Наконец шайка вывалилась из лавки портного. Пьер повел на их юг по рю Сен-Мартен и дальше, через остров Ситэ. Ему припомнились все те оскорбления, которыми осыпала его Изабель: ублюдок, отродье, сын подзаборной шлюхи… Ничего, он забьет все эти слова обратно ей в глотку.
А Сильви нашла надежное укрытие для книг, мысленно похвалил Нед. Всякий, кому случится зайти с улицы, увидит лишь бочки, загромождающие склад от пола до потолка. В большинстве этих бочек хранился песок, но Сильви объяснила, что некоторые пусты и легко отодвигаются, открывая укромный уголок, где прятались ящики с книгами. До сих пор, с гордостью поведала она, никто ее не разоблачил.
На всякий случай они притушили Недов фонарь, чтобы никто снаружи не углядел невзначай этого слабого мерцания, и сидели в темноте, держась за руки. Колокола трезвонили без перерыва. Порой с улицы доносились другие звуки — истошные вопли, хриплые возгласы, редкие выстрелы. Сильви беспокоилась о матери, но Нед сумел убедить ее в том, что Изабель надежно укрылась в доме, а им двоим сейчас выбираться со склада нельзя.
Так они провели несколько часов, выжидая и прислушиваясь. К тому времени, когда из-под двери начал сочиться робкий утренний свет, шум на улице поутих. Дверной проем в лучах рассветного солнца словно превратился в раму для картины.

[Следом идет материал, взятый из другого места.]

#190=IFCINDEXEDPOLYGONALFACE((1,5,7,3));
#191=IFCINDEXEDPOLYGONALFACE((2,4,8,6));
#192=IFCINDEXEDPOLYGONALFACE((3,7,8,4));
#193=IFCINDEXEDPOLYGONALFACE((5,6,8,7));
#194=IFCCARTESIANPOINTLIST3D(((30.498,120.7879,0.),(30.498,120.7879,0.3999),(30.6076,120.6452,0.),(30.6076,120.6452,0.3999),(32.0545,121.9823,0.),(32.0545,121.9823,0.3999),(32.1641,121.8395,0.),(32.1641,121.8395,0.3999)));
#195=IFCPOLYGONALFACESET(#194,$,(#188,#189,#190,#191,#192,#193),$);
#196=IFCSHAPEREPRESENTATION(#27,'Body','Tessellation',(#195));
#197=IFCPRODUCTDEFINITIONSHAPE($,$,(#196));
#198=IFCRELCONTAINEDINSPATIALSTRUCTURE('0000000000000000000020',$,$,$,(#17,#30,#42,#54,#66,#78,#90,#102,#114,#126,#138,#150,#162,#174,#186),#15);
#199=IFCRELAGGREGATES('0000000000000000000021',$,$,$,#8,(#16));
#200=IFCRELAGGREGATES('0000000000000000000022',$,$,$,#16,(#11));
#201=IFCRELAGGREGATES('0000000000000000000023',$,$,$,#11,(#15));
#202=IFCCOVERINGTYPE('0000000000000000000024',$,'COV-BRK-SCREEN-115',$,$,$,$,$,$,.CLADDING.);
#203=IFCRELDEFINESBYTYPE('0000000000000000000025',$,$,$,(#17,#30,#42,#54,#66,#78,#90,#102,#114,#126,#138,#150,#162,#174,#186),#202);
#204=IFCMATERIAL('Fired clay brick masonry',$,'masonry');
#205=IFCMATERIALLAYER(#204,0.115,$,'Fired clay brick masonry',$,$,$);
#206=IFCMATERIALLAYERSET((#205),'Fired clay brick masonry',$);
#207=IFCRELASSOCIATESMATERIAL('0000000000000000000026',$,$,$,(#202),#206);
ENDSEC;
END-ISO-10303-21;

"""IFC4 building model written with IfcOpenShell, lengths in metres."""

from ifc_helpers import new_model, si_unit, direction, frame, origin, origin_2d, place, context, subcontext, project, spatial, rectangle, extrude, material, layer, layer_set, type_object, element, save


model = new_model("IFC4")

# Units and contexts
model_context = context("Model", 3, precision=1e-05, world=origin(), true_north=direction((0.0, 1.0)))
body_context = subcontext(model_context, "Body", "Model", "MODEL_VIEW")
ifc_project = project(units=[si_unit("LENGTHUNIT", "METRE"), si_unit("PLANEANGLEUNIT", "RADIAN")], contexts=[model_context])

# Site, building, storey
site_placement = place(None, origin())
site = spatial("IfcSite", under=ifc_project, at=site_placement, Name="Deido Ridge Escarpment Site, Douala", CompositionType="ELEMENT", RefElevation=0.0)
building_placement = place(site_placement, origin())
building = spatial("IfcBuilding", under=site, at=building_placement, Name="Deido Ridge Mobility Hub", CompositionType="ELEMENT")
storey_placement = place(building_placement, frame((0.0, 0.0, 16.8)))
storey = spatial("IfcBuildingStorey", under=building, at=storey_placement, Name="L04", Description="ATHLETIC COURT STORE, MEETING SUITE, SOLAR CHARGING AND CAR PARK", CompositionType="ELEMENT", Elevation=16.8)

— Мы не можем сидеть тут вечно, — сказала Сильви.
Нед осторожно приоткрыл дверь, высунул голову наружу и осмотрелся. Рю де Мюр выглядела пустынной.
— Никого, — известил он и вышел со склада.
Сильви последовала за ним и заперла дверь.
— Надеюсь, все кончилось, — пробормотала она.
— С них станется продолжить резню при свете дня.
В ответ Сильви повторила слова апостола Иоанна:
— Люди более возлюбили тьму, нежели свет, потому что дела их были злы[115]
.Рука об руку они спешным шагом двинулись по улице. Нед не стал срывать с рукава белую повязку, подумав, что от той еще может быть толк. Впрочем, куда больше он уповал на собственный меч и потому не отнимал пальцев от рукояти.
Они шли на юг, к реке. За первым же углом наткнулись на двух мертвецов, лежавших на пороге лавки шорника. Нед подивился тому, что мертвые оказались полураздетыми. Над трупами склонилась седовласая старуха в грязном плаще. Мгновение спустя Нед сообразил, что это она раздевает мертвецов.